If we are going to expand out x86 shift and rotate intrinsics, we should probably consider pattern-matching on IR, rather than waiting for SelectionDAG. Trying to work around isel limitations in this fashion is fragile, and will probably have a wider effect than you want.

For rotates, there was a proposal to add a generic IR intrinsic for variable rotates on llvmdev, due to the complications involved in late pattern-matching.

I'm not sure D46946 and D47019 are good ideas in the first place, particularly D47019. Expanding an intrinsic to an 8-instruction sequence is getting past the point where we're actually getting any benefit from transforming intrinsic to native IR. Emitting a complicated lowering like that, and trying to recover it in isel seems very tricky to get right, and as far as I can tell we don't get much benefit.

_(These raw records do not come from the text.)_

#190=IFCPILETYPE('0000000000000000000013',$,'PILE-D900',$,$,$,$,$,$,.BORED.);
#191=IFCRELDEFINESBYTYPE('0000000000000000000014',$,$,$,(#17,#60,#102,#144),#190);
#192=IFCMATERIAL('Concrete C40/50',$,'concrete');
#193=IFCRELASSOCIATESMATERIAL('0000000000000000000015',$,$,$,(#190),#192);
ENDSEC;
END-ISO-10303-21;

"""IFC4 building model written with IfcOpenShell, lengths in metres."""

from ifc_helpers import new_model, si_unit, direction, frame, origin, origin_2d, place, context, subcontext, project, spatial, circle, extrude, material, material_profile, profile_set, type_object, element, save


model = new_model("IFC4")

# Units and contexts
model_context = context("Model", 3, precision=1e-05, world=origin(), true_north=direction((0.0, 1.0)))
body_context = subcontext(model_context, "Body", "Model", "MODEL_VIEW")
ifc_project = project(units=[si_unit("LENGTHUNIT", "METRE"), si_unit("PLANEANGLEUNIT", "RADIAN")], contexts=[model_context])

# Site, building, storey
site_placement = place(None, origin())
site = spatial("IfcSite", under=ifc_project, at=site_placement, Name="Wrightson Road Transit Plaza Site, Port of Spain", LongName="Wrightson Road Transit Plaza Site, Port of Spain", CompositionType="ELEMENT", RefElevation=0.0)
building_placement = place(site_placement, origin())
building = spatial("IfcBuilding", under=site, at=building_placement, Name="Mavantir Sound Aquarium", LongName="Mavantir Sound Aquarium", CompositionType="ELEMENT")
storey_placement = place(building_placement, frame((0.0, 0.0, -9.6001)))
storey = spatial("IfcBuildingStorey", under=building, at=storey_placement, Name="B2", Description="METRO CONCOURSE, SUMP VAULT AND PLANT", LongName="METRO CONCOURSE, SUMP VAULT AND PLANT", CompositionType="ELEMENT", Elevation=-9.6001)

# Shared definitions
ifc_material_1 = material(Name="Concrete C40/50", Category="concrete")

If we are going to expand out x86 shift and rotate intrinsics, we should probably consider pattern-matching on IR, rather than waiting for SelectionDAG. Trying to work around isel limitations in this fashion is fragile, and will probably have a wider effect than you want.

For rotates, there was a proposal to add a generic IR intrinsic for variable rotates on llvmdev, due to the complications involved in late pattern-matching.

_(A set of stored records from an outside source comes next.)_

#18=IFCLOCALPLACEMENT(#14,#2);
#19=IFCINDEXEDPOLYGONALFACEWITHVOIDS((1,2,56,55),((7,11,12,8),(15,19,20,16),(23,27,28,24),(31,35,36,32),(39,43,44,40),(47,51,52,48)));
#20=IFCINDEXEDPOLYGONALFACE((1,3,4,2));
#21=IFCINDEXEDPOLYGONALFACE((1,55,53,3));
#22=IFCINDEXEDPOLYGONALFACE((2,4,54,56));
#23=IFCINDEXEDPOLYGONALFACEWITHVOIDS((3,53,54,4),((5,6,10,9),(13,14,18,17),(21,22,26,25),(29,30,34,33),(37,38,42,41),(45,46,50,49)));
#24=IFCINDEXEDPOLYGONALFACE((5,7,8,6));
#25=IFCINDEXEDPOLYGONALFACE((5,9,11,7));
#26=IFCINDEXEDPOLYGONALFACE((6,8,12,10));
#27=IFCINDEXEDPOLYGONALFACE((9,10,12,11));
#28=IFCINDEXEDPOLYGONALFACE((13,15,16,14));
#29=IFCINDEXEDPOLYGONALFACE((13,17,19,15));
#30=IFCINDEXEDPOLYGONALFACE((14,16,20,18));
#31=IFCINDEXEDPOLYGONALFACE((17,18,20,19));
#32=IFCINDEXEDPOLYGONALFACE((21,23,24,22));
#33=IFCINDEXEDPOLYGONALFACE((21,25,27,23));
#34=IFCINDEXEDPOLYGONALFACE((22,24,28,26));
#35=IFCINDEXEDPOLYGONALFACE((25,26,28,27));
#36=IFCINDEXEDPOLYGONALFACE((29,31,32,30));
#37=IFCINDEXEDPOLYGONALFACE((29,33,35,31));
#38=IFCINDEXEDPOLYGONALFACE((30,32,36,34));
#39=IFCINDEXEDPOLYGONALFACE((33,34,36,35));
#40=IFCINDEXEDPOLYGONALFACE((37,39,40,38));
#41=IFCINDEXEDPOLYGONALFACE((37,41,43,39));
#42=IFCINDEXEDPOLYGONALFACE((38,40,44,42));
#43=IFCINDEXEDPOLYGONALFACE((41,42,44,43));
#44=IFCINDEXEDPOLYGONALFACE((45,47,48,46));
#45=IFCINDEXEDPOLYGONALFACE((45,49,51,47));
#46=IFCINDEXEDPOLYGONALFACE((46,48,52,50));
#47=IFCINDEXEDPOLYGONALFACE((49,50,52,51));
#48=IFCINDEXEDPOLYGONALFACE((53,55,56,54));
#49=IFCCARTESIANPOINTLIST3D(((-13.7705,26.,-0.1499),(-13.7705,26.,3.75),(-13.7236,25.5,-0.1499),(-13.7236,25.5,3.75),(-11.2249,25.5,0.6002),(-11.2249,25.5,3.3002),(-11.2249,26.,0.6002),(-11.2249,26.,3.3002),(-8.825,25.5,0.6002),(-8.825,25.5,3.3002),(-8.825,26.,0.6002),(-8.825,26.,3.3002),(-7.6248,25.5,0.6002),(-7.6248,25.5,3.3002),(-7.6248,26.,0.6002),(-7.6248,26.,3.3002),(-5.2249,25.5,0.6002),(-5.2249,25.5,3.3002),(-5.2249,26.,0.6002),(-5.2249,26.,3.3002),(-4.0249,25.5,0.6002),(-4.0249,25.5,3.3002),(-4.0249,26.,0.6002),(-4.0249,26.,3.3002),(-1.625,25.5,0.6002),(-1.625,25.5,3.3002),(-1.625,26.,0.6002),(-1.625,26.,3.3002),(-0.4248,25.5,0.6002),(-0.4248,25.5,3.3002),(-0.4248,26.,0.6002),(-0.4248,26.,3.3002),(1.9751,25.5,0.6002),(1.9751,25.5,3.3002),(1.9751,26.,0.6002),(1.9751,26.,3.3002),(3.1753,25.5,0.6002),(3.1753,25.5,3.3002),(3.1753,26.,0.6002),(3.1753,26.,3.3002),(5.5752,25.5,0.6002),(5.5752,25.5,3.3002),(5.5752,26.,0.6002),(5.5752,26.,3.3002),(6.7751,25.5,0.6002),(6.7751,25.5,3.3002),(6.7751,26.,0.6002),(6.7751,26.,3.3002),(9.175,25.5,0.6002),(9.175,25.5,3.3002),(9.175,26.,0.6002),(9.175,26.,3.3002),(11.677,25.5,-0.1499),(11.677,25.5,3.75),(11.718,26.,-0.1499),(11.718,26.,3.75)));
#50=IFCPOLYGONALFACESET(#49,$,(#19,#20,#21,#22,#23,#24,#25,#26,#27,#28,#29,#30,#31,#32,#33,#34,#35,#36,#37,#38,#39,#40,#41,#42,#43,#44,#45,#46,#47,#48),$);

For reference, that was here:
http://lists.llvm.org/pipermail/llvm-dev/2018-May/123292.html

And the discussion stopped with no objections that I see, but there are some open questions about the semantics and form of any intrinsic. The proposal was made by Fabian Giessen. I don't find a Phab ID for Fabian, so maybe we need to ping the dev thread?

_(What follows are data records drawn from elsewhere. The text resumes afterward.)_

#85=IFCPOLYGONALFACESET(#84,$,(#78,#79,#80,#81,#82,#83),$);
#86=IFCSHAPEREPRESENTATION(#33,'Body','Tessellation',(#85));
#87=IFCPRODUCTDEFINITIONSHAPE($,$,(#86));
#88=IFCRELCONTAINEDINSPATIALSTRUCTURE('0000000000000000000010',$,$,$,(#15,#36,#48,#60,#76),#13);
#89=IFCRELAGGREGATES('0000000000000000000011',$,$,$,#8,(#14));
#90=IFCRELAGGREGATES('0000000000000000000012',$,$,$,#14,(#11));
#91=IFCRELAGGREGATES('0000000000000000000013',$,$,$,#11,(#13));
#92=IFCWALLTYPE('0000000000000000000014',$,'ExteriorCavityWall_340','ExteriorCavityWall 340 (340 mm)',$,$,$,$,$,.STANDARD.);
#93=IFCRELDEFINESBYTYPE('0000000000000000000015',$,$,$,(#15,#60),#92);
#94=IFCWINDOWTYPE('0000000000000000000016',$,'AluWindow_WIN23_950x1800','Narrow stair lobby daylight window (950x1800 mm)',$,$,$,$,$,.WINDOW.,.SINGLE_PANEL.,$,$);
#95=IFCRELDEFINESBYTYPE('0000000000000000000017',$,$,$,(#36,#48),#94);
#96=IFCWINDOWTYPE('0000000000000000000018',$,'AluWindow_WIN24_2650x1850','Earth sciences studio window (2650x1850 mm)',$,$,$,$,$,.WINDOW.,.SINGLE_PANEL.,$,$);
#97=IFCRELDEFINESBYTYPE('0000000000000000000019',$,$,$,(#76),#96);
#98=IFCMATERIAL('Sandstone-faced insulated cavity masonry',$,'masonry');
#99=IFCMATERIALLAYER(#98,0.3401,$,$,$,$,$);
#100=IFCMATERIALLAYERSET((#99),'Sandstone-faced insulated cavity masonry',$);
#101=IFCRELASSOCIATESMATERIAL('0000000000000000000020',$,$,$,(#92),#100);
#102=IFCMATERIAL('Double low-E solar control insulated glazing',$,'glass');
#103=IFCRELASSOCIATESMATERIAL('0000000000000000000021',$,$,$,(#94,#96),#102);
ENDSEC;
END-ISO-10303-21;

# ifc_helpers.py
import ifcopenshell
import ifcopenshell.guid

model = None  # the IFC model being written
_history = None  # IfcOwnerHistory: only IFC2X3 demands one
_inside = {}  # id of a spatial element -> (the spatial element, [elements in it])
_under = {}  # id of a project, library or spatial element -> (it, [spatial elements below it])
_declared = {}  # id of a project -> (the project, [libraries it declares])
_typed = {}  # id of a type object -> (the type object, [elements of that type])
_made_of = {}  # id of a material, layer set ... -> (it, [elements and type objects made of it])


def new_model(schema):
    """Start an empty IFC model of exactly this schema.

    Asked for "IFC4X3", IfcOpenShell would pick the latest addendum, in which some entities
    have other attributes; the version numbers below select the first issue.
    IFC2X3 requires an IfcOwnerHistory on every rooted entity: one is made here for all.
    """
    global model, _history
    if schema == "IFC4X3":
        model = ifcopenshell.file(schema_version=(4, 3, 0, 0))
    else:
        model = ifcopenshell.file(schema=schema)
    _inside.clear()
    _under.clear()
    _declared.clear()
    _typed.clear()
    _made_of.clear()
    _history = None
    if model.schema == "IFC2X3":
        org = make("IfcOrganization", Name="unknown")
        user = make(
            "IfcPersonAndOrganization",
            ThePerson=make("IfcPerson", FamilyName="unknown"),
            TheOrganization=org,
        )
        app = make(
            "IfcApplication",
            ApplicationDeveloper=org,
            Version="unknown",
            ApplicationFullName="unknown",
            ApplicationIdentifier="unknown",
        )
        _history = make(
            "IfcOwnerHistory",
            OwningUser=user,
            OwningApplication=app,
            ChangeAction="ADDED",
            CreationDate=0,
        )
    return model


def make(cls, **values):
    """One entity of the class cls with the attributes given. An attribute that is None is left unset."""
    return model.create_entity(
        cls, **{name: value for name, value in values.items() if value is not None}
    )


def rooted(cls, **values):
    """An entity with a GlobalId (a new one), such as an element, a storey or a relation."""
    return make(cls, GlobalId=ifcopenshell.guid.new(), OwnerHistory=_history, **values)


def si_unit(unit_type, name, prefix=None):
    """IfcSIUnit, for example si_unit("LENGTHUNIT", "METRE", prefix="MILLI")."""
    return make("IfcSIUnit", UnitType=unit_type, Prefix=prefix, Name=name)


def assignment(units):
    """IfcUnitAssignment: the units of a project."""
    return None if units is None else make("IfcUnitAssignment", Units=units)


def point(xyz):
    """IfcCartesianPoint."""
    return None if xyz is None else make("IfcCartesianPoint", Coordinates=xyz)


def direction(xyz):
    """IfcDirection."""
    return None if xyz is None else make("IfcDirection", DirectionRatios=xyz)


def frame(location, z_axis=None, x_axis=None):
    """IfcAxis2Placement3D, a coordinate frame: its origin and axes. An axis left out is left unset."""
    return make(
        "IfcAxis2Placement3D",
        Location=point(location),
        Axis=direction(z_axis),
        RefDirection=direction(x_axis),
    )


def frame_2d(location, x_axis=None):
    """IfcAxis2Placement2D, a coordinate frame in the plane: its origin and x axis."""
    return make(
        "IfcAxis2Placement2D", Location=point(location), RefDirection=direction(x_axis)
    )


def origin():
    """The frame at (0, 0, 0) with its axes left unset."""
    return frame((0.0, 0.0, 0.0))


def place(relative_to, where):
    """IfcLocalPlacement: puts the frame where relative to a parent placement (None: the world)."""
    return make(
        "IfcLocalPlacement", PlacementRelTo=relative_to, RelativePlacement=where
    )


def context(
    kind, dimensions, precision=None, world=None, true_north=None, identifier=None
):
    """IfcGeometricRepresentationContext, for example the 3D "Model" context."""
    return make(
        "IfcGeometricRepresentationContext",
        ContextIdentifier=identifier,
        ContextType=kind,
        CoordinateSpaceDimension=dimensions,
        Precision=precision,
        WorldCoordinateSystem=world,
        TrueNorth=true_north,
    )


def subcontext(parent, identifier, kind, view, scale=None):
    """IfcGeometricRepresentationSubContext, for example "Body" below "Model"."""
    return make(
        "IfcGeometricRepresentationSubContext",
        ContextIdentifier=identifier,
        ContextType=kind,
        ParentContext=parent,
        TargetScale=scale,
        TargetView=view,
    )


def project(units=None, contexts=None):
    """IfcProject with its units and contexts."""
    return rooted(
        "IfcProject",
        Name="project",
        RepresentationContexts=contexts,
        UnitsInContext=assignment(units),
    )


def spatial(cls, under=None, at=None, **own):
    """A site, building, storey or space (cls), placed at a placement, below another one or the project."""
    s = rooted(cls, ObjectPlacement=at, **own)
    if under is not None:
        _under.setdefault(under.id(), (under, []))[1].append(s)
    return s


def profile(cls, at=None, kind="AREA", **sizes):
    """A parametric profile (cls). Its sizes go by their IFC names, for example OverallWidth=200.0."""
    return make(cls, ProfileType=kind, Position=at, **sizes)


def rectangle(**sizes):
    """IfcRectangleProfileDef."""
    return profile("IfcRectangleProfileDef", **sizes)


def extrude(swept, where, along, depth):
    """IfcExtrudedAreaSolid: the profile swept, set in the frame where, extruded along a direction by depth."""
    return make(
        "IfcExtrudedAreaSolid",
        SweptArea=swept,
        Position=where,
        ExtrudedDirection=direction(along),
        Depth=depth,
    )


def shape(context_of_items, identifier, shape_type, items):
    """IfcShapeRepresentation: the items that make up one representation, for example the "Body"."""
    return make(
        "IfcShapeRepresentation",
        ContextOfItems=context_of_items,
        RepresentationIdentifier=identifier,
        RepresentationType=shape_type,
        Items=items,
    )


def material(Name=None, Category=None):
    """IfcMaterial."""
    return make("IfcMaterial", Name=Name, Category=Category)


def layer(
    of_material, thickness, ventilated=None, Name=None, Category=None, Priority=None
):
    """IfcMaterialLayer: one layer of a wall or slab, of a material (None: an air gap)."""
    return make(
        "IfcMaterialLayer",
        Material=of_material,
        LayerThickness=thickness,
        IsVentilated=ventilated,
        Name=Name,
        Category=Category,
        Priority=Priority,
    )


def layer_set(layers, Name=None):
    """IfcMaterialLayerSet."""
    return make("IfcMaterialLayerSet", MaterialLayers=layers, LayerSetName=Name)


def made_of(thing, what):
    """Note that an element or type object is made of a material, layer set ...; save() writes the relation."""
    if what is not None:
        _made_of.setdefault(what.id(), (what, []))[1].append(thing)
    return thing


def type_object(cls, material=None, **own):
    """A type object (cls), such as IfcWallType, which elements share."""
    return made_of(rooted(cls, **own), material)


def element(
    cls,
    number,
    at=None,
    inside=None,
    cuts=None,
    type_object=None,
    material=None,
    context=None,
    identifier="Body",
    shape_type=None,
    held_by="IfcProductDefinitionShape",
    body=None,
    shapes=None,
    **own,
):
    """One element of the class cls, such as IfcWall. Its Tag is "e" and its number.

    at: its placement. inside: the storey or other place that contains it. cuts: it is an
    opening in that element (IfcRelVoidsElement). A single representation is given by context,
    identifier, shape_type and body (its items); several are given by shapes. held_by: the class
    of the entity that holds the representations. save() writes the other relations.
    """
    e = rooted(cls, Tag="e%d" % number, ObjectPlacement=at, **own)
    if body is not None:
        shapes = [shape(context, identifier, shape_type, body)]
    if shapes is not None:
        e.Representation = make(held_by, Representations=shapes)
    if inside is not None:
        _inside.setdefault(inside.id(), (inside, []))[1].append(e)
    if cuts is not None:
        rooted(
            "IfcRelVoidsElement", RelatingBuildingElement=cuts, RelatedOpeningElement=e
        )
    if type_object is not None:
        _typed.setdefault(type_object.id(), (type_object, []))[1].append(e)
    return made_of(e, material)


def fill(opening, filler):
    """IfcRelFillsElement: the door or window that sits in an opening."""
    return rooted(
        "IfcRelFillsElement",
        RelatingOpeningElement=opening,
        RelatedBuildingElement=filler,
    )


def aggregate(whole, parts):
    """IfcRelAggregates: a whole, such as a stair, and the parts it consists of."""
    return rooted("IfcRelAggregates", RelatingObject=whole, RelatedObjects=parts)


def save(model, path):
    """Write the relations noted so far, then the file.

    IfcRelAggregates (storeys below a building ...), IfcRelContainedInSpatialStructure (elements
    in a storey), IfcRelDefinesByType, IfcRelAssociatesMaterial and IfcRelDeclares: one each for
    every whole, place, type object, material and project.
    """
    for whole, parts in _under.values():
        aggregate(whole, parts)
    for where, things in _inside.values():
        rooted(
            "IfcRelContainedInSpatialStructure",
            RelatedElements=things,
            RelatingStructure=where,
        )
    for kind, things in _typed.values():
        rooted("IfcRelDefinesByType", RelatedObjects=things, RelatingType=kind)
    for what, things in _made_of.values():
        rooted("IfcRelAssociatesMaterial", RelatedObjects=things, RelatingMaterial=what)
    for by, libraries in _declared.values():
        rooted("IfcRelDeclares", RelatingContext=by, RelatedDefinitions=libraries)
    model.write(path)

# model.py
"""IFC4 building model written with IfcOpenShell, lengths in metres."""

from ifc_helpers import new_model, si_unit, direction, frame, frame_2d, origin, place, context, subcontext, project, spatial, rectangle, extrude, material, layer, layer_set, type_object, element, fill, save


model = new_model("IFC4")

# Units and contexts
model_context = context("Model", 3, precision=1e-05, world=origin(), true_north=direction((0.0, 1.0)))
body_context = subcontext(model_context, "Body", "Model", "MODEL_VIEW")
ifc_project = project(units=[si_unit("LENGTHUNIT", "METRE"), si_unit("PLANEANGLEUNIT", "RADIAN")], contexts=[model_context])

I'm not sure D46946 and D47019 are good ideas in the first place, particularly D47019. Expanding an intrinsic to an 8-instruction sequence is getting past the point where we're actually getting any benefit from transforming intrinsic to native IR. Emitting a complicated lowering like that, and trying to recover it in isel seems very tricky to get right, and as far as I can tell we don't get much benefit.

If we are going to expand out x86 shift and rotate intrinsics, we should probably consider pattern-matching on IR, rather than waiting for SelectionDAG. Trying to work around isel limitations in this fashion is fragile, and will probably have a wider effect than you want.

For rotates, there was a proposal to add a generic IR intrinsic for variable rotates on llvmdev, due to the complications involved in late pattern-matching.

FWIW we don't do the whole pattern matching in lowering stage - most of the pattern disappears during the combining right after creating the DAG because the extra instructions are only needed in IR to avoid creating poison values. Because of this, we can't do pattern matching in IR. If it was possible I would just emit shortened IR - unless I'm missing something?

But all in all yeah, the whole thing is rather tricky.

spatel added a comment.Jul 2 2018, 9:35 AM

I'm not sure D46946 and D47019 are good ideas in the first place, particularly D47019. Expanding an intrinsic to an 8-instruction sequence is getting past the point where we're actually getting any benefit from transforming intrinsic to native IR. Emitting a complicated lowering like that, and trying to recover it in isel seems very tricky to get right, and as far as I can tell we don't get much benefit.

If we are going to expand out x86 shift and rotate intrinsics, we should probably consider pattern-matching on IR, rather than waiting for SelectionDAG. Trying to work around isel limitations in this fashion is fragile, and will probably have a wider effect than you want.

For rotates, there was a proposal to add a generic IR intrinsic for variable rotates on llvmdev, due to the complications involved in late pattern-matching.

FWIW we don't do the whole pattern matching in lowering stage - most of the pattern disappears during the combining right after creating the DAG because the extra instructions are only needed in IR to avoid creating poison values. Because of this, we can't do pattern matching in IR. If it was possible I would just emit shortened IR - unless I'm missing something?

But all in all yeah, the whole thing is rather tricky.

I've replied to the existing llvm-dev thread and referenced this patch. Let's see if we can find a good definition for target-independent intrinsic(s) there.